(3D printer) Üç boyutlu yazıcı konusunda ilk buluş Japon Hideo Kodama tarafından 1981’de yapıldı. 1984’te Alan Le Méhauté, Olivier de Witte ve Jean Claude André üç boyutlu baskı cihazının patenti için başvuruda bulundu. Bu üç mucitin o yıllarda General Electric’in Fransa’daki şirketine yaptığı başvuru cihazın ticari perspektifinin zayıf olduğu gerekçesiyle reddedilmişti. ABD’li Chuck Hall da aynı yıl benzer bir cihaz için başvuruda bulunmuştu. Bu cihazlara önce amatör imalatçılar ilgi gösterdi ve bu kitle cihazı üç boyutlu yazıcı diye adlandırdı. Öğretim üyeleri ve mühendisler ise bu tekniğe eklemeli imalat (additive manufacturing) adını koymayı uygun gördü. İlk yazıcılar, toz veya granül halindeki hammaddelerden plastik eşya üreten makinelere benzemekteydi. Bilgisayar destekli tasarımın (CAD) yaygınlaşması sonrasında üç boyutlu yazıcı cihazları sanayide de kullanılmaya başlandı. 2000’li yıllara kadar metallere döküm, torna ve pres ile şekil verenler, üç boyutlu baskı yapan makinelerin potansiyelini kısa sürede keşfetti. Önce hızlı prototip yapımı için kullanılan bu cihazlar sonradan genel üretim sürecine dahil edildi. Hassas metal parçaların imalatında ve kalıp hazırlamanın maliyetli olduğu durumlarda üç boyutlu yazıcılar daha iyi sonuç vermekteydi.
Üretilecek nesnenin taranması veya bilgisayarda tasarımın yapılmasından sonraki aşamalar için zamanla çeşitli teknikler geliştirildi.

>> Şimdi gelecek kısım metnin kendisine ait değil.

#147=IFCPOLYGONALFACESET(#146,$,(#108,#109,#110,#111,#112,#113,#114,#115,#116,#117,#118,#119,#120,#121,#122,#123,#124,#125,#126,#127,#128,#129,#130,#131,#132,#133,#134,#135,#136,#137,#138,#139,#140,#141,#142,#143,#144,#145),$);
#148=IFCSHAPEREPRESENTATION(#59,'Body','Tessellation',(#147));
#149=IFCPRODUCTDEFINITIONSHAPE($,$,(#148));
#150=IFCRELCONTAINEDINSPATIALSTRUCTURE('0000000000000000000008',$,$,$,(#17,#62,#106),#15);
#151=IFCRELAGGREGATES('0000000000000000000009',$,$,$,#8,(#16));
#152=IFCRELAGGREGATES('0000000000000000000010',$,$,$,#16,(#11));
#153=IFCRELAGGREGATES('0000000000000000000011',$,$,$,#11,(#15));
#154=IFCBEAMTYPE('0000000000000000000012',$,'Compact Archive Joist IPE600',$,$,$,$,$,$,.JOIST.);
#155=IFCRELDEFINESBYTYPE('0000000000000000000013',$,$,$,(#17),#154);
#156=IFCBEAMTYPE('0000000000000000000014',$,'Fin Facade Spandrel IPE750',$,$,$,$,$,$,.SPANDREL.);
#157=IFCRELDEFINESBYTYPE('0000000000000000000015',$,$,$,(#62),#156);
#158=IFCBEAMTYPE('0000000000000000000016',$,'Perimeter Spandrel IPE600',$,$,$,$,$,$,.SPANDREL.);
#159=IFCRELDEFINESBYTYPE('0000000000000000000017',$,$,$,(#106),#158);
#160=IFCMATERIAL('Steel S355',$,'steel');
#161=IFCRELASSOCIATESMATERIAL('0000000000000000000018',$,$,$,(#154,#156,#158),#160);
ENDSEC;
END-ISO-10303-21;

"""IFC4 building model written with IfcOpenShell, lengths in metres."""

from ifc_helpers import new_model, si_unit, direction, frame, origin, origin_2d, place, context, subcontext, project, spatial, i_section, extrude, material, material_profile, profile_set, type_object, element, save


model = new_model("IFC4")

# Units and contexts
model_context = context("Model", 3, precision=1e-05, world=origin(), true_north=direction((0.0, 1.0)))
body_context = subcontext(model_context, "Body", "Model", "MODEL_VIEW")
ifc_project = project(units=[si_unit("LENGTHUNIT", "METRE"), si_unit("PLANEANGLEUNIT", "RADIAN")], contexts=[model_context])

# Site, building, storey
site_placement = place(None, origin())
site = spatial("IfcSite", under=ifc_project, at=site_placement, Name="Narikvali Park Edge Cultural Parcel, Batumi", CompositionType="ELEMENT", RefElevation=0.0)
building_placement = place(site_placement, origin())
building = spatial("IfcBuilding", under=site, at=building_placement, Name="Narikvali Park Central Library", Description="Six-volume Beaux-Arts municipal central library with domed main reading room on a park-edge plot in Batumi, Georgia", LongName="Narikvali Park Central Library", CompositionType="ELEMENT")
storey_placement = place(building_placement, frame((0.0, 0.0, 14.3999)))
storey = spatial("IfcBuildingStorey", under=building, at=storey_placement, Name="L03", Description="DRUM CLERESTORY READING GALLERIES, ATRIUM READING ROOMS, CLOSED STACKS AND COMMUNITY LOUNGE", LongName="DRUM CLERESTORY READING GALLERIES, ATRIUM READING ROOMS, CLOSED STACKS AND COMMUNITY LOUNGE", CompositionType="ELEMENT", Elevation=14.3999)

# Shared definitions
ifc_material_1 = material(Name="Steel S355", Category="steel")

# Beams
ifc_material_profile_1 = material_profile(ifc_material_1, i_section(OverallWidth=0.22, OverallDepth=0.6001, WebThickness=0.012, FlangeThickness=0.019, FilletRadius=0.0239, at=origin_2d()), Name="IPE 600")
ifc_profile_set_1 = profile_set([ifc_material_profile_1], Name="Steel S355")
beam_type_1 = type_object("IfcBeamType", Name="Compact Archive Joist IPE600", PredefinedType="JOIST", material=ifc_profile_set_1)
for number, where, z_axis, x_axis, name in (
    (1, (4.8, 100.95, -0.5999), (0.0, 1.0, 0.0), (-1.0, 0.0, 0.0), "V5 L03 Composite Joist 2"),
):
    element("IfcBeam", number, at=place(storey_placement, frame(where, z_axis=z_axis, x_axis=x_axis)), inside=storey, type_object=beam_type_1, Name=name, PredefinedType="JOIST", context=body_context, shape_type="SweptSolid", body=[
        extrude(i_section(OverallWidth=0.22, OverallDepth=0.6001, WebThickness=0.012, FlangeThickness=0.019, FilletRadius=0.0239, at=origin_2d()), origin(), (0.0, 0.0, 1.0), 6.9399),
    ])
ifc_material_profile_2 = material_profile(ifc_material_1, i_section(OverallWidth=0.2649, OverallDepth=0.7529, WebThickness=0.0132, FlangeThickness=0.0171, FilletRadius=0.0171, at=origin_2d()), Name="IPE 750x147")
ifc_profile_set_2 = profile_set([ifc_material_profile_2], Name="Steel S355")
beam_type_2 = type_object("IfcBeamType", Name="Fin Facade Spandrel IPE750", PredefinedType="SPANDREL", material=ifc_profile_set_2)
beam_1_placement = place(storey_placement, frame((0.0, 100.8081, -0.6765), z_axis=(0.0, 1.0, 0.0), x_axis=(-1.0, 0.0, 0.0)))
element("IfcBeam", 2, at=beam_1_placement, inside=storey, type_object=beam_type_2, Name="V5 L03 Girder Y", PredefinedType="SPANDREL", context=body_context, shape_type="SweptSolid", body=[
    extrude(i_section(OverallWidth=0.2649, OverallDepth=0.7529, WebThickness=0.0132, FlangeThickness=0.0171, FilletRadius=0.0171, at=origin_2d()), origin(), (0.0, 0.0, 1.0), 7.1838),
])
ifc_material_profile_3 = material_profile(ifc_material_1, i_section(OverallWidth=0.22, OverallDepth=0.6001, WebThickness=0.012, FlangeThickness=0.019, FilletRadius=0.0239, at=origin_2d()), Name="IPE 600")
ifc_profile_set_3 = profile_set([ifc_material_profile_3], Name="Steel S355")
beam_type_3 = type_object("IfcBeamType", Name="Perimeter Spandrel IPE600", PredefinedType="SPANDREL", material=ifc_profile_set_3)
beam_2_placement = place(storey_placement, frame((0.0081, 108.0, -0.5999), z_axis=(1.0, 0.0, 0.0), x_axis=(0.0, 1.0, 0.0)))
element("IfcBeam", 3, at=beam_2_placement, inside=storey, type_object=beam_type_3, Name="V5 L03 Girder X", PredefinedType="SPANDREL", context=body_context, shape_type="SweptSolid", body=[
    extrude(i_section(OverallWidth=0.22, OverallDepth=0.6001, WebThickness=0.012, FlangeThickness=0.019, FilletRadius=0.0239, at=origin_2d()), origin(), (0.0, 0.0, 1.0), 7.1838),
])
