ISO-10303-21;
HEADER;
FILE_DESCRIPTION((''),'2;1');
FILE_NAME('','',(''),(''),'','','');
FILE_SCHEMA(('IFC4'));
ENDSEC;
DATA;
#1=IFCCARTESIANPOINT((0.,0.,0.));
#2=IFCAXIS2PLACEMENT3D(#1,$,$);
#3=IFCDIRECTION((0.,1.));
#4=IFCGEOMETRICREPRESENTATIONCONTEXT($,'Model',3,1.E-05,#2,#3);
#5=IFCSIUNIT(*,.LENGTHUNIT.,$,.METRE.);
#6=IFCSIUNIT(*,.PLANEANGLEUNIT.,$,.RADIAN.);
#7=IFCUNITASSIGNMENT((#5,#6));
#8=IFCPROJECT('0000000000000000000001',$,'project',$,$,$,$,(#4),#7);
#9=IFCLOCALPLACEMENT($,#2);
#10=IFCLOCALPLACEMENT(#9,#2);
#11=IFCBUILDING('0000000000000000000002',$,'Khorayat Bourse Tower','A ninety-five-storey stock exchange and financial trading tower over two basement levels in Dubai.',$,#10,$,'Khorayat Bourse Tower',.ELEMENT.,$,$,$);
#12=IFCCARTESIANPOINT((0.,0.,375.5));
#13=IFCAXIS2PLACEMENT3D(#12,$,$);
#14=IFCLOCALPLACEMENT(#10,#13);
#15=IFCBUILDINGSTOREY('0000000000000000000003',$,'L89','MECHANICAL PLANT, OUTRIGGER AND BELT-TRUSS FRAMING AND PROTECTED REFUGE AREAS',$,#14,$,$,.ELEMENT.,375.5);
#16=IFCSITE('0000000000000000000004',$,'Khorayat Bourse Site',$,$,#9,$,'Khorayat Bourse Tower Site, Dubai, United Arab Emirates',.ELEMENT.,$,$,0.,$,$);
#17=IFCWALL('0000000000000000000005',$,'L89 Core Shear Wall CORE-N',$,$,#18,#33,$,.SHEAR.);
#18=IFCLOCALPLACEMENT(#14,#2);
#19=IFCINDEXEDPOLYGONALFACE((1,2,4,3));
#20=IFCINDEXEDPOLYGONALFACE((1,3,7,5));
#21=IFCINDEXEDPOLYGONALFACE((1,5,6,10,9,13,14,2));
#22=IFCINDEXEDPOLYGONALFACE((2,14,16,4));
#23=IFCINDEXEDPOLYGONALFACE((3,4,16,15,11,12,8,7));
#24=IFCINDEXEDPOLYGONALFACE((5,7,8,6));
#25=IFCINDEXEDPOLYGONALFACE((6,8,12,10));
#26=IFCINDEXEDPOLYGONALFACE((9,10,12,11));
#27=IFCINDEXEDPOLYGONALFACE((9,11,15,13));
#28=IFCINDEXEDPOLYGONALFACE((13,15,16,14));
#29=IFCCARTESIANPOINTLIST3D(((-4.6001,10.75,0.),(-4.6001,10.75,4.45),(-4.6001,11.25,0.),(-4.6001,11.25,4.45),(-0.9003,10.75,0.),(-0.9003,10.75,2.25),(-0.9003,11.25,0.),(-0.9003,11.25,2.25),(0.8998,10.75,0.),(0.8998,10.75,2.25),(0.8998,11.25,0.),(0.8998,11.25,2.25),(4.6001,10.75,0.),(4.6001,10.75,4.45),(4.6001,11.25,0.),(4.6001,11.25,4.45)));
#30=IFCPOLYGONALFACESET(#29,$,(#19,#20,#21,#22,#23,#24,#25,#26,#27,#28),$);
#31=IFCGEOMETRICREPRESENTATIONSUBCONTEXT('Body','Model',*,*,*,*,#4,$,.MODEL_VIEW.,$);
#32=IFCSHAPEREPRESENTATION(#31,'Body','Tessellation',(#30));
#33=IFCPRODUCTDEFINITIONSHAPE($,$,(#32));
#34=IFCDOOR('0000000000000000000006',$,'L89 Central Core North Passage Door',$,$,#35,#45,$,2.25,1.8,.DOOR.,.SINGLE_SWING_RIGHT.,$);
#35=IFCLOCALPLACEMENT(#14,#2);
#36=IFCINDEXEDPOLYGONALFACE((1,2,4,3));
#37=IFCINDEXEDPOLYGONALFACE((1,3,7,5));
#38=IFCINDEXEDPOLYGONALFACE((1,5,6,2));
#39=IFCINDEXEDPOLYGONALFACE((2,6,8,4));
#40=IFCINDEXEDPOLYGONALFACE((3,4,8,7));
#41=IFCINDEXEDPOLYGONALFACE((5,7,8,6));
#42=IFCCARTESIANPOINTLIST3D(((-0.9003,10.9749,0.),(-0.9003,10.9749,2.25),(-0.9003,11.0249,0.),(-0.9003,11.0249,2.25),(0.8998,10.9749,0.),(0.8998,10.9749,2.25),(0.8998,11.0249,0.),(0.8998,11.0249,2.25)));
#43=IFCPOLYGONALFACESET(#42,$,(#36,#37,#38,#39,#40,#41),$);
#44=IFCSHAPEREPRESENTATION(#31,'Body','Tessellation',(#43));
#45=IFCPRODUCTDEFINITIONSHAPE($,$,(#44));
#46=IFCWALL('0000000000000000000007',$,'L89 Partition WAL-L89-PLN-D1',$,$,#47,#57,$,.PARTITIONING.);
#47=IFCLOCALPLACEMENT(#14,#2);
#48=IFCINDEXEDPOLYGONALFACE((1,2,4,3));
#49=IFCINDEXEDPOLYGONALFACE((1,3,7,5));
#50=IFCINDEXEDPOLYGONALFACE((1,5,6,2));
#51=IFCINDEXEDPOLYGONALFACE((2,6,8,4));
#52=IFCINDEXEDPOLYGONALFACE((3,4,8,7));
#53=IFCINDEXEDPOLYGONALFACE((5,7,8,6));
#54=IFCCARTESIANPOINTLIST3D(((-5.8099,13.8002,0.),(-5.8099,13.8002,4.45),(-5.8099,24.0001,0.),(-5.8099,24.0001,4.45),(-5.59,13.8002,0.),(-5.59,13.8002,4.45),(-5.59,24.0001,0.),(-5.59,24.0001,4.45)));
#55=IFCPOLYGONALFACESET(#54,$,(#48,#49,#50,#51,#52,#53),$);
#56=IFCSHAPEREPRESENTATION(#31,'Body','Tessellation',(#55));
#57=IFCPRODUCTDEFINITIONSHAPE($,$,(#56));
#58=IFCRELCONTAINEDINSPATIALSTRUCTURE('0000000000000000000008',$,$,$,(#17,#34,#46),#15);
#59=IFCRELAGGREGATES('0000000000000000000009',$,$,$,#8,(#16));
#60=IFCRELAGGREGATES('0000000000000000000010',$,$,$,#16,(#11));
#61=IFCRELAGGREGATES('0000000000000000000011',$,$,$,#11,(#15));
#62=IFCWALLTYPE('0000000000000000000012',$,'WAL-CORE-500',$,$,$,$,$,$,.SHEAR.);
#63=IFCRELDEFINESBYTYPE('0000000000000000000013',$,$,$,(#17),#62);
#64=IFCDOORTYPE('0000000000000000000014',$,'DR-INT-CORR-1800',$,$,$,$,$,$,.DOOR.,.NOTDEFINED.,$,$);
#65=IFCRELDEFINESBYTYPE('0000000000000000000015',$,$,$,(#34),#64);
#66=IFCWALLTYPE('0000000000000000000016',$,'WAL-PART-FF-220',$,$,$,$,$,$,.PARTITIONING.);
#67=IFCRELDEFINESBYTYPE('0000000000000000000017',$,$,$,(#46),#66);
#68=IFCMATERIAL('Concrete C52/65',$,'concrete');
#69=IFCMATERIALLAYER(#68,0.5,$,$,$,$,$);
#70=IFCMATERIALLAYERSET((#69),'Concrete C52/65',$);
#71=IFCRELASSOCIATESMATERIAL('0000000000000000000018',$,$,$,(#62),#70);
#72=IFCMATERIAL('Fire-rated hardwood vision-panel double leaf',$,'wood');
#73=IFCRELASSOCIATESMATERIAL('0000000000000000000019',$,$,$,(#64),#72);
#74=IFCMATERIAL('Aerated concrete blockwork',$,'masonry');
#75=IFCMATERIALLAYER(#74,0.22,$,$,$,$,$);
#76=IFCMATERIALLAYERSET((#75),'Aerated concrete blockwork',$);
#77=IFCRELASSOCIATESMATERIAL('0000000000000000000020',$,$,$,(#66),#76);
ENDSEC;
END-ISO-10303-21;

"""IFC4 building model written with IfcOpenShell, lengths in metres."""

from ifc_helpers import new_model, si_unit, direction, frame, frame_2d, origin, place, context, subcontext, project, spatial, rectangle, extrude, source, transform, mapped, material, layer, layer_set, type_object, element, fill, save


model = new_model("IFC4")

# Units and contexts
model_context = context("Model", 3, precision=1e-05, world=origin(), true_north=direction((0.0, 1.0)))
body_context = subcontext(model_context, "Body", "Model", "MODEL_VIEW")
ifc_project = project(units=[si_unit("LENGTHUNIT", "METRE"), si_unit("PLANEANGLEUNIT", "RADIAN")], contexts=[model_context])

# Site, building, storey
site_placement = place(None, origin())
site = spatial("IfcSite", under=ifc_project, at=site_placement, Name="Khorayat Bourse Site", LongName="Khorayat Bourse Tower Site, Dubai, United Arab Emirates", CompositionType="ELEMENT", RefElevation=0.0)
building_placement = place(site_placement, origin())
building = spatial("IfcBuilding", under=site, at=building_placement, Name="Khorayat Bourse Tower", Description="A ninety-five-storey stock exchange and financial trading tower over two basement levels in Dubai.", LongName="Khorayat Bourse Tower", CompositionType="ELEMENT")
storey_placement = place(building_placement, frame((0.0, 0.0, 375.5)))
storey = spatial("IfcBuildingStorey", under=building, at=storey_placement, Name="L89", Description="MECHANICAL PLANT, OUTRIGGER AND BELT-TRUSS FRAMING AND PROTECTED REFUGE AREAS", CompositionType="ELEMENT", Elevation=375.5)

# Shared definitions
ifc_material_1 = material(Name="Concrete C52/65", Category="concrete")

# Shared definitions
ifc_layer_1 = layer(ifc_material_1, 0.5)
ifc_layer_set_1 = layer_set([ifc_layer_1], Name="Concrete C52/65")
wall_type_1 = type_object("IfcWallType", Name="WAL-CORE-500", PredefinedType="SHEAR", material=ifc_layer_set_1)

# Wall, opening, door
shared_shape_1 = source(origin(), body_context, "Body", "SweptSolid", [
    extrude(rectangle(XDim=9.2002, YDim=0.5, at=frame_2d((4.6001, 0.0))), origin(), (0.0, 0.0, 1.0), 4.45),
])
wall_1_placement = place(storey_placement, frame((-4.6001, 11.0, 0.0), z_axis=(0.0, 0.0, 1.0), x_axis=(1.0, 0.0, 0.0)))
wall_1 = element("IfcWall", 1, at=wall_1_placement, inside=storey, type_object=wall_type_1, Name="L89 Core Shear Wall CORE-N", PredefinedType="SHEAR", context=body_context, shape_type="MappedRepresentation", body=[
    mapped(shared_shape_1, transform((0.0, 0.0, 0.0), scale=1.0)),
])
shared_shape_2 = source(origin(), body_context, "Body", "SweptSolid", [
    extrude(rectangle(XDim=1.8, YDim=2.25, at=frame_2d((0.8999, 1.125))), frame((0.0, 0.26, 0.0), z_axis=(0.0, -1.0, 0.0), x_axis=(1.0, 0.0, 0.0)), (0.0, 0.0, 1.0), 0.52),
])
opening_placement = place(wall_1_placement, frame((3.7, 0.0, 0.0)))
opening = element("IfcOpeningElement", 2, at=opening_placement, cuts=wall_1, PredefinedType="OPENING", context=body_context, shape_type="MappedRepresentation", body=[
    mapped(shared_shape_2, transform((0.0, 0.0, 0.0), scale=1.0)),
])
ifc_material_2 = material(Name="Fire-rated hardwood vision-panel double leaf", Category="wood")
door_type = type_object("IfcDoorType", Name="DR-INT-CORR-1800", OperationType="NOTDEFINED", PredefinedType="DOOR", material=ifc_material_2)
shared_shape_3 = source(origin(), body_context, "Body", "SweptSolid", [
    extrude(rectangle(XDim=1.8, YDim=2.25, at=frame_2d((0.8999, 1.125))), frame((0.0, 0.0249, 0.0), z_axis=(0.0, -1.0, 0.0), x_axis=(1.0, 0.0, 0.0)), (0.0, 0.0, 1.0), 0.05),
])
door_placement = place(opening_placement, origin())
door = element("IfcDoor", 3, at=door_placement, inside=storey, type_object=door_type, Name="L89 Central Core North Passage Door", OperationType="SINGLE_SWING_RIGHT", OverallHeight=2.25, OverallWidth=1.8, PredefinedType="DOOR", context=body_context, shape_type="MappedRepresentation", body=[
    mapped(shared_shape_3, transform((0.0, 0.0, 0.0), scale=1.0)),
])
fill(opening, door)

# Wall
ifc_material_3 = material(Name="Aerated concrete blockwork", Category="masonry")
ifc_layer_2 = layer(ifc_material_3, 0.22)
ifc_layer_set_2 = layer_set([ifc_layer_2], Name="Aerated concrete blockwork")
wall_type_2 = type_object("IfcWallType", Name="WAL-PART-FF-220", PredefinedType="PARTITIONING", material=ifc_layer_set_2)
shared_shape_4 = source(origin(), body_context, "Body", "SweptSolid", [
    extrude(rectangle(XDim=10.2, YDim=0.22, at=frame_2d((5.1001, 0.0))), origin(), (0.0, 0.0, 1.0), 4.45),
])
wall_2_placement = place(storey_placement, frame((-5.7, 13.8, 0.0), z_axis=(0.0, 0.0, 1.0), x_axis=(0.0, 1.0, 0.0)))
element("IfcWall", 4, at=wall_2_placement, inside=storey, type_object=wall_type_2, Name="L89 Partition WAL-L89-PLN-D1", PredefinedType="PARTITIONING", context=body_context, shape_type="MappedRepresentation", body=[
    mapped(shared_shape_4, transform((0.0, 0.0, 0.0), scale=1.0)),
])

save(model, "model.ifc")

Hammaddeler, toz püskürtme, toz yığma ve tel besleme yöntemleri ile sağlanmakta, bunların eritme işlemi ise lazer veya elektronlarla yapılmaktaydı. Bu üretim araçlarının ucuzlaması ve kullanımının pratikleşmesi sağlandığı takdirde gelişmekte olan ülkelerin köylerinde ve yoksul bölgelerinde sınai imalat mümkün olabilecektir. Ancak üç boyutlu yazıcı ile silah üretiminin de mümkün olması çözümü zor sorunlar ortaya çıkarabilecektir.